If hot flashes in fact do burn calories, then perhaps there is an upside to the discomfort I have been feeling lately and I will be wearing smaller pants soon. Google has conflicting answers and nothing scientifically compelling, so I move on to the second item. There is nothing on Google regarding BQR. So I look at the payment register, noting what looks like a monthly $5,000 payment to them dating back as far as the report goes. I write down the check number for one of the payments and take the elevator up to Corporate Accounting on twenty. I have been here a few times before while doing walk-throughs for my audits.
I see Cindy in the file room and ask if she can pull a canceled check for me.
“Check 260112 from the general account.”
“We don’t get the checks,” she explains, “but we get copies from the bank statements.”
“Does it have the back side, so I can see the endorsement?”
“No.
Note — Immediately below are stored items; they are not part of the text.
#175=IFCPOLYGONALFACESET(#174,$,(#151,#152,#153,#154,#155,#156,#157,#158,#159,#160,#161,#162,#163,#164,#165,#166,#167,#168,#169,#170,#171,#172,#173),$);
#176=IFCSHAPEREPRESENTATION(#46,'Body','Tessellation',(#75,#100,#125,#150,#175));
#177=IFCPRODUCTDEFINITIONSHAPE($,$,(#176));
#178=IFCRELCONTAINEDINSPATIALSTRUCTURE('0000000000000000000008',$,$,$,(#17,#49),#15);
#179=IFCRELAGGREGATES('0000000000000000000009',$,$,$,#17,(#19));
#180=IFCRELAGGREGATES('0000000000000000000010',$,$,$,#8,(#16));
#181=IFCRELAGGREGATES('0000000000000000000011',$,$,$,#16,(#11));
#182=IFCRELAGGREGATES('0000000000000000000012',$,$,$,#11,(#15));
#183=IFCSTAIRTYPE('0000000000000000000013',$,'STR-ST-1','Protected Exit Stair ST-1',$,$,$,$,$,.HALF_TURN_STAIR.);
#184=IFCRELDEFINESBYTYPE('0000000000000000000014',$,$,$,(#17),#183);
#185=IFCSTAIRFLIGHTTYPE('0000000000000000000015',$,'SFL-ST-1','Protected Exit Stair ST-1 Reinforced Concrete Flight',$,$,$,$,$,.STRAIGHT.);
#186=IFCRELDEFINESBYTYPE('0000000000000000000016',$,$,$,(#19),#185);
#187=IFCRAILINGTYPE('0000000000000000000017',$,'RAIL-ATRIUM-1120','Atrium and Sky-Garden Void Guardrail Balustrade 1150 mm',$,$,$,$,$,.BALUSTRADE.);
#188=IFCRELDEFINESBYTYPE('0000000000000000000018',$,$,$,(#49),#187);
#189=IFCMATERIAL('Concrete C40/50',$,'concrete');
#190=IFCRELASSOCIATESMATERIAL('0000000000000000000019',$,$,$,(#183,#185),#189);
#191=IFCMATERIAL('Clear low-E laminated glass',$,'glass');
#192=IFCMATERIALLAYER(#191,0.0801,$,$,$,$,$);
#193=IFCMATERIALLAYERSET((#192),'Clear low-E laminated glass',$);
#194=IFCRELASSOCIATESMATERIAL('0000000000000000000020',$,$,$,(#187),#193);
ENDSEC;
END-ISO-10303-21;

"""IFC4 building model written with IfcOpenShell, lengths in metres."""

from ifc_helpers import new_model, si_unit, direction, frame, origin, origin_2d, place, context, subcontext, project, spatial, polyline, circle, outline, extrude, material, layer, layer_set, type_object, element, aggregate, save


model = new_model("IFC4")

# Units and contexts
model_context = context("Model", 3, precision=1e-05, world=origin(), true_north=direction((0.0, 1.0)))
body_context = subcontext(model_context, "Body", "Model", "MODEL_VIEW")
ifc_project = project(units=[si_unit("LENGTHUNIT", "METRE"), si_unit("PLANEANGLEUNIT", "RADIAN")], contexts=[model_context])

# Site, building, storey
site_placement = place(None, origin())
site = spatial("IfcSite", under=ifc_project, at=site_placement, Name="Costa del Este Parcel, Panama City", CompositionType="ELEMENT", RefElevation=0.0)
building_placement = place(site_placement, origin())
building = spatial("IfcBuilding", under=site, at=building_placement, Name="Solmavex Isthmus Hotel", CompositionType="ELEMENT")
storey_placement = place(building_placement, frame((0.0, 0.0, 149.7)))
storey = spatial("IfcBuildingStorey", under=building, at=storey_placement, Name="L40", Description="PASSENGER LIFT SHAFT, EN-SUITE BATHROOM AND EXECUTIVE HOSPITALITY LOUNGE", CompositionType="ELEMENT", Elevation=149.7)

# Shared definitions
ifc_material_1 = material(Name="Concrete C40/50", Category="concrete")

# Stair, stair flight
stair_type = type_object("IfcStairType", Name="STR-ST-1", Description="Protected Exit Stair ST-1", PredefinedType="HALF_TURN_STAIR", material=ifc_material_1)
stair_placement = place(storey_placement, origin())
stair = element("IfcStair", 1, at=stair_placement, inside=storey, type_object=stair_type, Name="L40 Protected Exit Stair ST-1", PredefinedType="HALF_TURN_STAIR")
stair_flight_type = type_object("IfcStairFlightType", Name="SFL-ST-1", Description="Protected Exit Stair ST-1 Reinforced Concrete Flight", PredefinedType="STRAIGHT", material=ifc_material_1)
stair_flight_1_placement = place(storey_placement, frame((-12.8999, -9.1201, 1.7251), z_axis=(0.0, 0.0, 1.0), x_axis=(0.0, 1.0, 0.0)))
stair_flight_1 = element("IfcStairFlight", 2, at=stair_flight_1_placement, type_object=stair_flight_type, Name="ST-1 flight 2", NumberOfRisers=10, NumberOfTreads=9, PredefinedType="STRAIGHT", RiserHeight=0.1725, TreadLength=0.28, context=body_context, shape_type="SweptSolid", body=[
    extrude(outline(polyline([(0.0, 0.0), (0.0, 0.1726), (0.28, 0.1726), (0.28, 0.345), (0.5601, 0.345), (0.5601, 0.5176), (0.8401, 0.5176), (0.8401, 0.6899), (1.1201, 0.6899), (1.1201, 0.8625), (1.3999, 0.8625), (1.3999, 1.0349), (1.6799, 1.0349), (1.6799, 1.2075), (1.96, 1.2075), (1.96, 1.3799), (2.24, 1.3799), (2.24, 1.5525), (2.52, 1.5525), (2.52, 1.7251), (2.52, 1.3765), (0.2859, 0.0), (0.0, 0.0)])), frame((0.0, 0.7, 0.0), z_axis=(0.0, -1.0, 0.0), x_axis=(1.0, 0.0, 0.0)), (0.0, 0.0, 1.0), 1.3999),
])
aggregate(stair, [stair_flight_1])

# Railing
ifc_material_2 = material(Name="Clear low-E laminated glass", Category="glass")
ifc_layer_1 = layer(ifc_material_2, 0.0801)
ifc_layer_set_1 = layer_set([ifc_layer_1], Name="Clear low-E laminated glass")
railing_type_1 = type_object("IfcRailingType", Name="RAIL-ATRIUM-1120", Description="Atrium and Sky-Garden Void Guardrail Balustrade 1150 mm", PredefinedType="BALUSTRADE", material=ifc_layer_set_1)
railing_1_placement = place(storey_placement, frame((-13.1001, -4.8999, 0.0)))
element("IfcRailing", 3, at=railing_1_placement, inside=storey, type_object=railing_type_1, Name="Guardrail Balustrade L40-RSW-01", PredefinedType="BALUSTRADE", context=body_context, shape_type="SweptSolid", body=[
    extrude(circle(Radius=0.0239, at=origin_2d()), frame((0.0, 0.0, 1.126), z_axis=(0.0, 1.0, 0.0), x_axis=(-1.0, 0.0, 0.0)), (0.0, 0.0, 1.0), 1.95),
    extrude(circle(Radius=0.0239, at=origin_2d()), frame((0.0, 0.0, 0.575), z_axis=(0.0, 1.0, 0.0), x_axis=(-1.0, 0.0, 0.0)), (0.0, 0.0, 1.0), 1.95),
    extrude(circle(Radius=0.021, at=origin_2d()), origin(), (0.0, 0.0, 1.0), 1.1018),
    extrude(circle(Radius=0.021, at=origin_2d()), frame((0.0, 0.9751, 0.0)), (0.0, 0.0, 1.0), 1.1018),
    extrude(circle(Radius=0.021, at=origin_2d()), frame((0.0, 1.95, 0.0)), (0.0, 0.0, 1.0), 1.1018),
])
But I can request it from the bank. Do you want me to?”
“How long will it take?”
“Not sure. Maybe I can get online and see if I can access it without bothering them.”
“Thanks, Cindy. I appreciate it.”
Cindy is one of the most efficient people at Bishop. She is a tad grumpy and her dress is so flashy that it borders on clownish. Her permed platinum hair is festooned with sequined combs, and she favors costume jewelry in the form of huge earrings, numerous bangles, and a ring larger than most plumbing fixtures. Cindy’s bowling-alley style notwithstanding, she is usually invaluable for getting information quickly and accurately. In the time it takes me to check out the coffee bar and get a glass of ice water to cool down the inferno blazing from my neck, Cindy has gotten what I need.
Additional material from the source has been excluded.